E se é verdade que ao longo da trajetória de Freixo muita coisa aconteceu e o país mudou muito, também é verdade que a política de conciliação, a mesma que fez o PT em seus 13 anos de governo alimentar setores reacionários que chegaram fortalecidos para dar um golpe institucional e atacar ainda mais os trabalhadores, veio levando Freixo a um caminho sem volta. Sua ida para o PSB demonstrou definitivamente como estava disposto a assumir um projeto burguês, e nesse momento buscamos debater como seu programa e atuação política há anos o levou a esse destino.
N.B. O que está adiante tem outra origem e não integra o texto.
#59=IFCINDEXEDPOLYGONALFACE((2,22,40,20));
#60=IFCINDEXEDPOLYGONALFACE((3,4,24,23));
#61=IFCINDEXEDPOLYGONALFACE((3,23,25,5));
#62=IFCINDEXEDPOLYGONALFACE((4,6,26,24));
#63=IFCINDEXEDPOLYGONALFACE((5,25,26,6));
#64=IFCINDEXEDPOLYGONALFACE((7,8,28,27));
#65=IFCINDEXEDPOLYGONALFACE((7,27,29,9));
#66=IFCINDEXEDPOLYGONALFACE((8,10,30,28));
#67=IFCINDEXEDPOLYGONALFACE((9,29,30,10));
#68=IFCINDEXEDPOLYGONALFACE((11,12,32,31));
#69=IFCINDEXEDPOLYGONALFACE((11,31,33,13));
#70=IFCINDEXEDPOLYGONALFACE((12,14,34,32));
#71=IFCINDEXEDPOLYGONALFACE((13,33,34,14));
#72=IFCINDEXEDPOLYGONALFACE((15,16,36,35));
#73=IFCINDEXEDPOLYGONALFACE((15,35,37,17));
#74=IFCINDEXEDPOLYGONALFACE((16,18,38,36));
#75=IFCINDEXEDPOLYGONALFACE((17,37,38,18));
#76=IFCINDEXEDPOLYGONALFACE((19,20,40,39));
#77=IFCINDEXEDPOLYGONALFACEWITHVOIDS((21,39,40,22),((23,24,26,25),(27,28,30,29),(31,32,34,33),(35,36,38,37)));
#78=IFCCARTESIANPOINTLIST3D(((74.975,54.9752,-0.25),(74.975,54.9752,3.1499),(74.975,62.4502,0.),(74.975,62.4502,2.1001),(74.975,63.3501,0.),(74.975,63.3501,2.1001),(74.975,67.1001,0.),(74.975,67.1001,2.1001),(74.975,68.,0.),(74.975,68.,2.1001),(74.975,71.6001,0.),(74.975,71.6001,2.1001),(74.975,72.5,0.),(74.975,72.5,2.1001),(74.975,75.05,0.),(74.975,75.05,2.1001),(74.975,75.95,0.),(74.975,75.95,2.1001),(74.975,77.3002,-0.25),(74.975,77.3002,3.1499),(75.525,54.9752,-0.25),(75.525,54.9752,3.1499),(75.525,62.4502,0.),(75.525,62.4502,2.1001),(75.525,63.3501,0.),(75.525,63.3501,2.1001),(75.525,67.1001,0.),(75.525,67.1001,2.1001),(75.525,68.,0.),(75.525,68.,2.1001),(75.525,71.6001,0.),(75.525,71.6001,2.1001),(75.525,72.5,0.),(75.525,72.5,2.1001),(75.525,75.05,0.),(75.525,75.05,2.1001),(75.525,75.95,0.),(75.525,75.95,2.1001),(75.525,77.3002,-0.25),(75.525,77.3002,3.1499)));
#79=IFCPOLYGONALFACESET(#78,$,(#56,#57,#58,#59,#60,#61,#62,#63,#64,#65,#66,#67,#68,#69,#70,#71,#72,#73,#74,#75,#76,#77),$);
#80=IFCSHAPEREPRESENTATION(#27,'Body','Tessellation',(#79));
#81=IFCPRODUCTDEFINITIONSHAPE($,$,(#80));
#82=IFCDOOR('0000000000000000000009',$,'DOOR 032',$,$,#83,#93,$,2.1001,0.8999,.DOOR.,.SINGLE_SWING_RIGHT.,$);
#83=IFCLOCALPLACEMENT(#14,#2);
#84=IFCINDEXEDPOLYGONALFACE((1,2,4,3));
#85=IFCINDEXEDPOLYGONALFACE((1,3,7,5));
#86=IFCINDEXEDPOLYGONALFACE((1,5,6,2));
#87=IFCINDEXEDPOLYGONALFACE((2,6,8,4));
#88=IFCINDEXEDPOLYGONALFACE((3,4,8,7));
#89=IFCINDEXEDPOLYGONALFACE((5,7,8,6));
Freixo trilhou seu caminho sem volta rumo à direita e sua aliança com Cesar Maia não pode oferecer nada de bom aos trabalhadores e juventude carioca. Enquanto isso o PSOL que mantém o apoio à sua candidatura, vai de mãos dadas pro mesmo destino, fortalecendo a conciliação que repetidamente nos levou a males cada vez maiores em nome do "mal menor". Não é a toa que o partido passa hoje por uma crise estratégica, inseparável de seu programa e dos passos crescentes de diluição, não somente detrás do PT, mas também de um programa de “gestão humana do capitalismo”, que fortalece políticas como as de Freixo ou a diluição no projeto de conciliação de classes de Lula e formando uma federação partidária com a Rede de Marina Silva, militante contra os direitos das mulheres ao próprio corpo com a legalização do aborto.
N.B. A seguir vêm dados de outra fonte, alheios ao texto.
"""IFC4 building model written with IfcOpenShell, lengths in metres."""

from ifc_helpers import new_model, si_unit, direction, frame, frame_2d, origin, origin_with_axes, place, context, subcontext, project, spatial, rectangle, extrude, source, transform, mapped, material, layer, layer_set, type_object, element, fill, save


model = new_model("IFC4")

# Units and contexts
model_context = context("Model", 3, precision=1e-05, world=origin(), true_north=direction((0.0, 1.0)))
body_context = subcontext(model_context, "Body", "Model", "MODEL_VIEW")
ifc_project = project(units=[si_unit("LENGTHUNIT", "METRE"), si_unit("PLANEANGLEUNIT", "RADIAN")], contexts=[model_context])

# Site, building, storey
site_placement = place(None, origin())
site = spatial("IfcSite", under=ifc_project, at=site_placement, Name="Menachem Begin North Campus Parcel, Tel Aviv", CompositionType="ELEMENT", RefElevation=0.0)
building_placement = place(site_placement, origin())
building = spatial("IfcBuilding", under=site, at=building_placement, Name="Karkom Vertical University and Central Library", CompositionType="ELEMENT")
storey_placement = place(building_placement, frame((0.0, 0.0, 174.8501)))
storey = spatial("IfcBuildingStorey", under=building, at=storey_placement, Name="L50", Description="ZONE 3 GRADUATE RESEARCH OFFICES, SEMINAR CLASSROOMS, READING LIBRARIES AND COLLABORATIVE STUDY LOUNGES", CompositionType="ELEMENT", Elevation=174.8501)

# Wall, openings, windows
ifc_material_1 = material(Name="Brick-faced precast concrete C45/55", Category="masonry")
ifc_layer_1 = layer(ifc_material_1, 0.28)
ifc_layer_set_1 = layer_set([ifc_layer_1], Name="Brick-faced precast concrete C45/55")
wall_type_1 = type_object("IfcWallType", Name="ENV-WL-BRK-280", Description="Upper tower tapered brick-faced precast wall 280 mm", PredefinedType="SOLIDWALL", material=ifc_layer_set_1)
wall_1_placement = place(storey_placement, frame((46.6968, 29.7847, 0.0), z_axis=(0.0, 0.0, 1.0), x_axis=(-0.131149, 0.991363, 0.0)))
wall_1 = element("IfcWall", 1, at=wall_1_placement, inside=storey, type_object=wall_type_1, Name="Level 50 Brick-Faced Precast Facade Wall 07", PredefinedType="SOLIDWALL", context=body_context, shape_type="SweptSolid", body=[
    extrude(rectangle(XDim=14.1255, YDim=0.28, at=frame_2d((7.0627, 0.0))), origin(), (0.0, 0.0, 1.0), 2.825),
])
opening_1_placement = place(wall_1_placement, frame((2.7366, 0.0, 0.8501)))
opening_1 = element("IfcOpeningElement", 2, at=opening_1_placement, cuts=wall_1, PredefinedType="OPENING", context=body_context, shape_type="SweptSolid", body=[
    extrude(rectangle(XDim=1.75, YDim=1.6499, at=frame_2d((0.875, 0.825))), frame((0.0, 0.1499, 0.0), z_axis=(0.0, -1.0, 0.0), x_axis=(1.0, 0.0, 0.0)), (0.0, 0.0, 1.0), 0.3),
Por isso, hoje a batalha por reagrupar a vanguarda com uma perspectiva de independência política que nos prepare para atuar com força nos momentos de luta de classes que virão com a experiência das massas no próximo governo, seja ele qual for, e enfrentar a extrema direita que seguirá como força social organizada, independente do resultado das urnas, passa pelo combate não somente a política burguesa de Freixo, à conciliação petista (que pode deixar de apoiar Freixo em nome do conhecido Ceciliano, inclusive com possíveis acordos com Castro), mas também do PSOL.

Nesse sentido, chamamos a conhecer e contribuir com a candidatura de Carolina Cacau pelo Polo Socialista e Revolucionário, uma alternativa política que se expresse eleitoralmente com independência de classe ao mesmo tempo buscando toda unidade de ação possível na luta de classes, onde é o terreno dos trabalhadores.